Core Concepts
3DMambaIPF introduces a novel iterative point cloud filtering model that leverages the Mamba module for efficient long-sequence modeling and integrates a differentiable rendering loss to enhance the visual realism of denoised geometric structures, enabling superior performance on both small-scale and large-scale point cloud datasets.
Abstract
The paper presents 3DMambaIPF, a novel iterative point cloud filtering model that addresses the limitations of existing methods in handling large-scale and high-noise point clouds.
Key highlights:
3DMambaIPF incorporates the Mamba module, a selective state space model architecture, to enable efficient and scalable processing of long sequences of point cloud data.
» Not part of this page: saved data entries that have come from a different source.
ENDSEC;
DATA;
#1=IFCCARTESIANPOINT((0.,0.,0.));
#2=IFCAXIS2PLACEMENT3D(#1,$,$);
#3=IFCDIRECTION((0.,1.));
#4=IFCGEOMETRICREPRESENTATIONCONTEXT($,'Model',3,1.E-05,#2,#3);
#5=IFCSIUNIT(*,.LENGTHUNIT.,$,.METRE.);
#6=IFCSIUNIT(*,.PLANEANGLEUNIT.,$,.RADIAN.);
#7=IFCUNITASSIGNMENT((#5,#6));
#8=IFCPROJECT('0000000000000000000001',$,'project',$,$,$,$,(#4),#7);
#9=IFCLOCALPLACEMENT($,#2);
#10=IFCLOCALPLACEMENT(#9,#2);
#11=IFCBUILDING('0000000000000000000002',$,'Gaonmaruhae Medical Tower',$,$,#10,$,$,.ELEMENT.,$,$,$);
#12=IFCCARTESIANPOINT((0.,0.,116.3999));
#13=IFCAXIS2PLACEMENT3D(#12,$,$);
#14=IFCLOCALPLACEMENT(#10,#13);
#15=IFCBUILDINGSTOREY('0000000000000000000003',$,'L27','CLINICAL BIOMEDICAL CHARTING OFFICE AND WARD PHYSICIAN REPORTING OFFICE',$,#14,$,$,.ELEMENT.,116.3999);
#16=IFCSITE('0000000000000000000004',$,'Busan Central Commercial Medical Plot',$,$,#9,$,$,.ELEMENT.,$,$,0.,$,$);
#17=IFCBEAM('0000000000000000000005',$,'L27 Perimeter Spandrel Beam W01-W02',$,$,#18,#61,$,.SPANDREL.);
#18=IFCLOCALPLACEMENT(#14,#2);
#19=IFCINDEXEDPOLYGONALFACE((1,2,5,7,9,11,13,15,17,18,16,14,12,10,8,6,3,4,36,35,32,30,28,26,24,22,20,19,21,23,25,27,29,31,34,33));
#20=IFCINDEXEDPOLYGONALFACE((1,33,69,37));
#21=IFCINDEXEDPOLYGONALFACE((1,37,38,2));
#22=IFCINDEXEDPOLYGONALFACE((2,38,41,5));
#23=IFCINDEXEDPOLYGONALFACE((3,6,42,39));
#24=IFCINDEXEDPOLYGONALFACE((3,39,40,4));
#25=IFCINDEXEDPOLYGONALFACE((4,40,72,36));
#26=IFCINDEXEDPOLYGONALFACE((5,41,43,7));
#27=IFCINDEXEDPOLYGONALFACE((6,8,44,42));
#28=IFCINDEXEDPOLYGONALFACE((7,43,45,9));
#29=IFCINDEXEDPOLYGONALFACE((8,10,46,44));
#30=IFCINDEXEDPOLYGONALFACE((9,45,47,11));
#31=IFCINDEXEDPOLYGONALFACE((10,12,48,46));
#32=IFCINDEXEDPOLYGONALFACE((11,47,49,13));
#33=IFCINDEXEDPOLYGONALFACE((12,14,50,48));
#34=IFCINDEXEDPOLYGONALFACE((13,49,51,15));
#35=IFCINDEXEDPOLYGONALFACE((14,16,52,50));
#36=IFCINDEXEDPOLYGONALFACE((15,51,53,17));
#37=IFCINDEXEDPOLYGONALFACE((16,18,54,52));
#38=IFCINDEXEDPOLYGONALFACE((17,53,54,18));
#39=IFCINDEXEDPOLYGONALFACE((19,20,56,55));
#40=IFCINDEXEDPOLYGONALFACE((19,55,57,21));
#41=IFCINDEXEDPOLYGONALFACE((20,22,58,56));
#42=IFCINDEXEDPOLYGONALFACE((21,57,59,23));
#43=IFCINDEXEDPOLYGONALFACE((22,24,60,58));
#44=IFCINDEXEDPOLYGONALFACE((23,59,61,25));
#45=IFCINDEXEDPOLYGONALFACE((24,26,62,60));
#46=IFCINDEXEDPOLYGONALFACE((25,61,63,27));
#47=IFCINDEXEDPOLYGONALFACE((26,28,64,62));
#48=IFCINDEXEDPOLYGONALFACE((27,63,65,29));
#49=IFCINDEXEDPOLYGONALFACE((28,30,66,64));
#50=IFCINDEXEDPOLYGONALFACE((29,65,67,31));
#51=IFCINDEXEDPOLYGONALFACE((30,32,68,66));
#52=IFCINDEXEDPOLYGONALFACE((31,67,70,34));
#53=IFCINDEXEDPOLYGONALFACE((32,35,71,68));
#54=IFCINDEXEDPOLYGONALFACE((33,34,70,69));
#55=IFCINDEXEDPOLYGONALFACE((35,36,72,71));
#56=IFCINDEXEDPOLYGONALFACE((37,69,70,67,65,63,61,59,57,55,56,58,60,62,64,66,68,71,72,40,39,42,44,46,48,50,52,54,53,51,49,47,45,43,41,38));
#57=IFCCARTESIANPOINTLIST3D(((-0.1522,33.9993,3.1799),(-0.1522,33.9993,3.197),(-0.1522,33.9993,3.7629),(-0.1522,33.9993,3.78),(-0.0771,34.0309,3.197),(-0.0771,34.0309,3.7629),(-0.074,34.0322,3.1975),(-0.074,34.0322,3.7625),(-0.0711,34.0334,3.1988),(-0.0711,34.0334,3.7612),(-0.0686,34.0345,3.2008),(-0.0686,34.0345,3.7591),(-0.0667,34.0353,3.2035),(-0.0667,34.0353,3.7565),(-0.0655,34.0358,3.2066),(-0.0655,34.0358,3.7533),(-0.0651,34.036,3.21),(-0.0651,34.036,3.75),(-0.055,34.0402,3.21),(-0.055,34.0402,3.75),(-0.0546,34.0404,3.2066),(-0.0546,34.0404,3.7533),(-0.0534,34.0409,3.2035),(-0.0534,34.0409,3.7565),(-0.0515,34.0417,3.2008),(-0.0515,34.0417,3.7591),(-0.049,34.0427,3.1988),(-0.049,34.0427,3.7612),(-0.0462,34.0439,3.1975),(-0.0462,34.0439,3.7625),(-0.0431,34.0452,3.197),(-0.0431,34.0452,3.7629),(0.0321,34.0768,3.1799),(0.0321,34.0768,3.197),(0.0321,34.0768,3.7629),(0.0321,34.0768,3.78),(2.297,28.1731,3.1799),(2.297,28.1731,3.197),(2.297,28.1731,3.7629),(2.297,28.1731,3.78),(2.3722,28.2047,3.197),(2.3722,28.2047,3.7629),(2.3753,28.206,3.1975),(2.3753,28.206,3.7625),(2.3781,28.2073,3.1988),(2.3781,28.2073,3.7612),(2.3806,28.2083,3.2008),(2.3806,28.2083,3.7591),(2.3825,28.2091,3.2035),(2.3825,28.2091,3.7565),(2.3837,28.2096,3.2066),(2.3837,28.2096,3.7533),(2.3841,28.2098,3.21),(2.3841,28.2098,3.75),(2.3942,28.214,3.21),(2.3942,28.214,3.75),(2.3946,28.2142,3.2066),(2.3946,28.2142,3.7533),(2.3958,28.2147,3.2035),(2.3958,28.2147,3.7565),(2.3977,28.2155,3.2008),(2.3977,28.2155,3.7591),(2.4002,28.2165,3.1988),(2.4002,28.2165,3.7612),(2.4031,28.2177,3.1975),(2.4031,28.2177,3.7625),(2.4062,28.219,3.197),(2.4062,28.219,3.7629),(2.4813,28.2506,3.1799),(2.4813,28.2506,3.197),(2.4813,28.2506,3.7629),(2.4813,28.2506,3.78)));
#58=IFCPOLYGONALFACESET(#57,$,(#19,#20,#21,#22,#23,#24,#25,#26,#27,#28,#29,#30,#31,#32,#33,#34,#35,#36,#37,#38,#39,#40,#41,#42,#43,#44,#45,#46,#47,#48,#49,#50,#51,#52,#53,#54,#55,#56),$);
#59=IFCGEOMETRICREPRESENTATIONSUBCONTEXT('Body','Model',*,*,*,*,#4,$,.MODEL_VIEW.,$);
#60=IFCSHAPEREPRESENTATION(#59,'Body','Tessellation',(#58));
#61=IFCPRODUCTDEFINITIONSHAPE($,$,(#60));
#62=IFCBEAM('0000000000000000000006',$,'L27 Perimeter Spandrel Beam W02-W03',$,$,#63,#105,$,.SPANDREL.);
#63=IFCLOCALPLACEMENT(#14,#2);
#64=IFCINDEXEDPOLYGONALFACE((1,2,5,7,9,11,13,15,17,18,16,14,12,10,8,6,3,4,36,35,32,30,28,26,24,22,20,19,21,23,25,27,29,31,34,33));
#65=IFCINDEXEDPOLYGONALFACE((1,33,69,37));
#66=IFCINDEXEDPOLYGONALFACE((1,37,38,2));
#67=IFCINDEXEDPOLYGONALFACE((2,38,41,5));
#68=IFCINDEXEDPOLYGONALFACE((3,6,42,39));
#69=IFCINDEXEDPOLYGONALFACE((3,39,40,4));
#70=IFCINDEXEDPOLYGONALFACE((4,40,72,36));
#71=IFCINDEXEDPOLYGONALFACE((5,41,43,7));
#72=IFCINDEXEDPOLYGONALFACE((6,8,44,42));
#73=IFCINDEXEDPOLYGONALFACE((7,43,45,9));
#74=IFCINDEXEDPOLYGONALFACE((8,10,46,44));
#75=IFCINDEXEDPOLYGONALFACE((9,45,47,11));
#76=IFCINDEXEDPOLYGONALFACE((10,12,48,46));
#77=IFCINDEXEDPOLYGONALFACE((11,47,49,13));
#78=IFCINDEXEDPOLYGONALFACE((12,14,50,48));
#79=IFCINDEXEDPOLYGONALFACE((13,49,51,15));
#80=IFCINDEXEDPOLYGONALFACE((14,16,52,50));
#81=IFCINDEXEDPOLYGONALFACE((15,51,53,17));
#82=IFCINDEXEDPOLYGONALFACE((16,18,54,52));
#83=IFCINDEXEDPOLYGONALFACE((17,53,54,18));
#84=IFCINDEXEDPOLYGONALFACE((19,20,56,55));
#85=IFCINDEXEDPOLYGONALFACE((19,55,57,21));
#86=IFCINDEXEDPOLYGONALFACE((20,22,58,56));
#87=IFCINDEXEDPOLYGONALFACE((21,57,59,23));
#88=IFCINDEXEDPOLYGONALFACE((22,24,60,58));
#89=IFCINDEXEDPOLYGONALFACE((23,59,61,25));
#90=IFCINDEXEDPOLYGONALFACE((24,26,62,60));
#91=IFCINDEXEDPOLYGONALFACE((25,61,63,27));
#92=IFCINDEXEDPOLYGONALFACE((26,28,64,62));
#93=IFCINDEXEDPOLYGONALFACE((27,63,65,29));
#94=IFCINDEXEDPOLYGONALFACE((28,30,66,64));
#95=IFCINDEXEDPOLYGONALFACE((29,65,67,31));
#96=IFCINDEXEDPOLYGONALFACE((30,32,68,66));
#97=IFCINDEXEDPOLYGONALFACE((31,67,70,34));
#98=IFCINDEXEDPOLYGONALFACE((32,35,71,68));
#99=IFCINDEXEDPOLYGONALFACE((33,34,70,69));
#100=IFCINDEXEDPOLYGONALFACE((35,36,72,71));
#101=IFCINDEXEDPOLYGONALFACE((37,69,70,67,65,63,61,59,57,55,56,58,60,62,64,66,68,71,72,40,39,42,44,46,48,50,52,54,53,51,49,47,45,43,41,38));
The model integrates a differentiable rendering loss, which aligns the denoised point cloud boundaries more closely with the ground truth, resulting in visually realistic geometric structures.
Extensive evaluations on small-scale synthetic and real-world datasets, as well as large-scale synthetic datasets, demonstrate that 3DMambaIPF outperforms state-of-the-art methods in terms of both quantitative metrics and visual quality.
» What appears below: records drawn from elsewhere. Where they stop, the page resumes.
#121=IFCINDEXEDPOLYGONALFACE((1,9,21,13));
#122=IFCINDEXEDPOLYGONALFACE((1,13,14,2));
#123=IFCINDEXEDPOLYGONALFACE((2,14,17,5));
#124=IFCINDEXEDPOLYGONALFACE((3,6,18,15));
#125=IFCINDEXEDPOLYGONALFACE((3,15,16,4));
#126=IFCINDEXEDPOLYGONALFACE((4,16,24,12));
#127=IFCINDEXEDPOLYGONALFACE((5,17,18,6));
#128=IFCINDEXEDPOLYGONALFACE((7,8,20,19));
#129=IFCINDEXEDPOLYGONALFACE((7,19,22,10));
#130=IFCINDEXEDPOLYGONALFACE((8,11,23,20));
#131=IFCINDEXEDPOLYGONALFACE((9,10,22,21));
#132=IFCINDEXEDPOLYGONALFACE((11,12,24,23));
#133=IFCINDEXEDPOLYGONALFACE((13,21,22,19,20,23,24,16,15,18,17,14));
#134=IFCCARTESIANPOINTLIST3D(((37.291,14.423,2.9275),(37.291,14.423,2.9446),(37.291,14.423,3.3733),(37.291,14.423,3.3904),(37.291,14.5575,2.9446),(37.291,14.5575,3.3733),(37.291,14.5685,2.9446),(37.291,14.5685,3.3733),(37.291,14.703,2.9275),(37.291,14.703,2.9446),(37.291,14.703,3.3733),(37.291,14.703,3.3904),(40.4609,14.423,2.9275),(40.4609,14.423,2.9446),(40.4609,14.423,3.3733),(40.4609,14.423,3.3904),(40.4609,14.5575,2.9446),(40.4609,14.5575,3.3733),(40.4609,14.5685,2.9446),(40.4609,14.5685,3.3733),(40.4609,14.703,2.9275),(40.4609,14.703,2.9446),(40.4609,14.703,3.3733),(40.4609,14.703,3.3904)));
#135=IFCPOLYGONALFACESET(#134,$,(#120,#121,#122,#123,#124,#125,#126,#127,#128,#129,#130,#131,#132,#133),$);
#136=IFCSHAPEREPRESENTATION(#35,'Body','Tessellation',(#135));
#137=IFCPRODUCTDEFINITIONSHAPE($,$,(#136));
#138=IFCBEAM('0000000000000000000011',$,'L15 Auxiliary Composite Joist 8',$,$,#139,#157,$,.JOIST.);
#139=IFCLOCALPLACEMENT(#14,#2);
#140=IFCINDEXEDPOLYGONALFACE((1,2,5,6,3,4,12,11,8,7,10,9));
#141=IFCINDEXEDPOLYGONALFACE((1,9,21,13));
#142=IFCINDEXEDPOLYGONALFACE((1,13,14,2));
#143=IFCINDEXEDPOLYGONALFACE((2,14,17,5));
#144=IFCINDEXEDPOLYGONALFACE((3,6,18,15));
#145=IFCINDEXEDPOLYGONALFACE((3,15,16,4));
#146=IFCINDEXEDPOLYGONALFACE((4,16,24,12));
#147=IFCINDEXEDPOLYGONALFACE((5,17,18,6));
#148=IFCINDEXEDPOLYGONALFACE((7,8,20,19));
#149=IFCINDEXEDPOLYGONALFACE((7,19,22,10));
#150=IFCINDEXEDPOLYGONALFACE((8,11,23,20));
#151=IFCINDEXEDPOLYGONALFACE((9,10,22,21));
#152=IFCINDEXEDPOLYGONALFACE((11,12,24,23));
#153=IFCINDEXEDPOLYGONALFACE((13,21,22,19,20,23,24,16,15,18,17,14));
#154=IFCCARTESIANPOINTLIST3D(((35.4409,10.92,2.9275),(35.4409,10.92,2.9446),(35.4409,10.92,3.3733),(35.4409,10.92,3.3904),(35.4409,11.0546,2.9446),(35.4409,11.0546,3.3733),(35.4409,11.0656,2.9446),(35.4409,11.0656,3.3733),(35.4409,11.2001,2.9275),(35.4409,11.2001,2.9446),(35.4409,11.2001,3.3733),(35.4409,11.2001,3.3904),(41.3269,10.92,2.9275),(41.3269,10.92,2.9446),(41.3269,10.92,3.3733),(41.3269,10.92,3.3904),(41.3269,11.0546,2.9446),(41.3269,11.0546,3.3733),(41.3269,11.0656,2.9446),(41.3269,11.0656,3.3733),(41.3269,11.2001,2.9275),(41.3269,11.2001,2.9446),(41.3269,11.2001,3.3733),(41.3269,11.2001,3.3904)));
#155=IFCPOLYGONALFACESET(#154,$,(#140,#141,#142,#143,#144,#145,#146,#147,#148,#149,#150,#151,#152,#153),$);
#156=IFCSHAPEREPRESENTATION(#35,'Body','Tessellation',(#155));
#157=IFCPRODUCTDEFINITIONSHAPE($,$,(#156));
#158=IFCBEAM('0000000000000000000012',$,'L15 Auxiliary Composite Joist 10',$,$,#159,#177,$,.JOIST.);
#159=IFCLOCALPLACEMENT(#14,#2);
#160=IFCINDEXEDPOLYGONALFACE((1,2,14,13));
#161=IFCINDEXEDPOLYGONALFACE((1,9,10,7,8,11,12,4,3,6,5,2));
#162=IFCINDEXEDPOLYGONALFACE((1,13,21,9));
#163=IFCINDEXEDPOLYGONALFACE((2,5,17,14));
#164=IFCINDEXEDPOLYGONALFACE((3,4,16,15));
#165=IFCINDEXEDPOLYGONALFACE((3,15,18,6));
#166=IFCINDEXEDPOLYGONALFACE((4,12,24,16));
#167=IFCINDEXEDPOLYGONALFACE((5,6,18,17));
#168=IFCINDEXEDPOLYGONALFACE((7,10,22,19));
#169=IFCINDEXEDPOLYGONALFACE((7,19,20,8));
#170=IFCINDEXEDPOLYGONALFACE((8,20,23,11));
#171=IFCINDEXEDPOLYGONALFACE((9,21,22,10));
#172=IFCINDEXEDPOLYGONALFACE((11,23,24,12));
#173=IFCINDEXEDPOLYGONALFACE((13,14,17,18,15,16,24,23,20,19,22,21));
Ablation studies are conducted to analyze the impact of various components, such as the loss function, number of rendered views, and Mamba layers, on the denoising performance.
The paper showcases the effectiveness of 3DMambaIPF in addressing the challenges of point cloud denoising, particularly in large-scale and high-noise environments, by leveraging the strengths of the Mamba module and differentiable rendering techniques.
Stats
The paper reports the following key metrics:
Chamfer Distance (CD) and Point-to-Mesh (P2M) Distance on the PU-Net dataset with varying noise levels and point cloud resolutions.
Visualization comparisons on the PU-Net dataset, large-scale synthetic models from the Stanford 3D Scanning Repository, and the Paris-rue-Madame real-world dataset.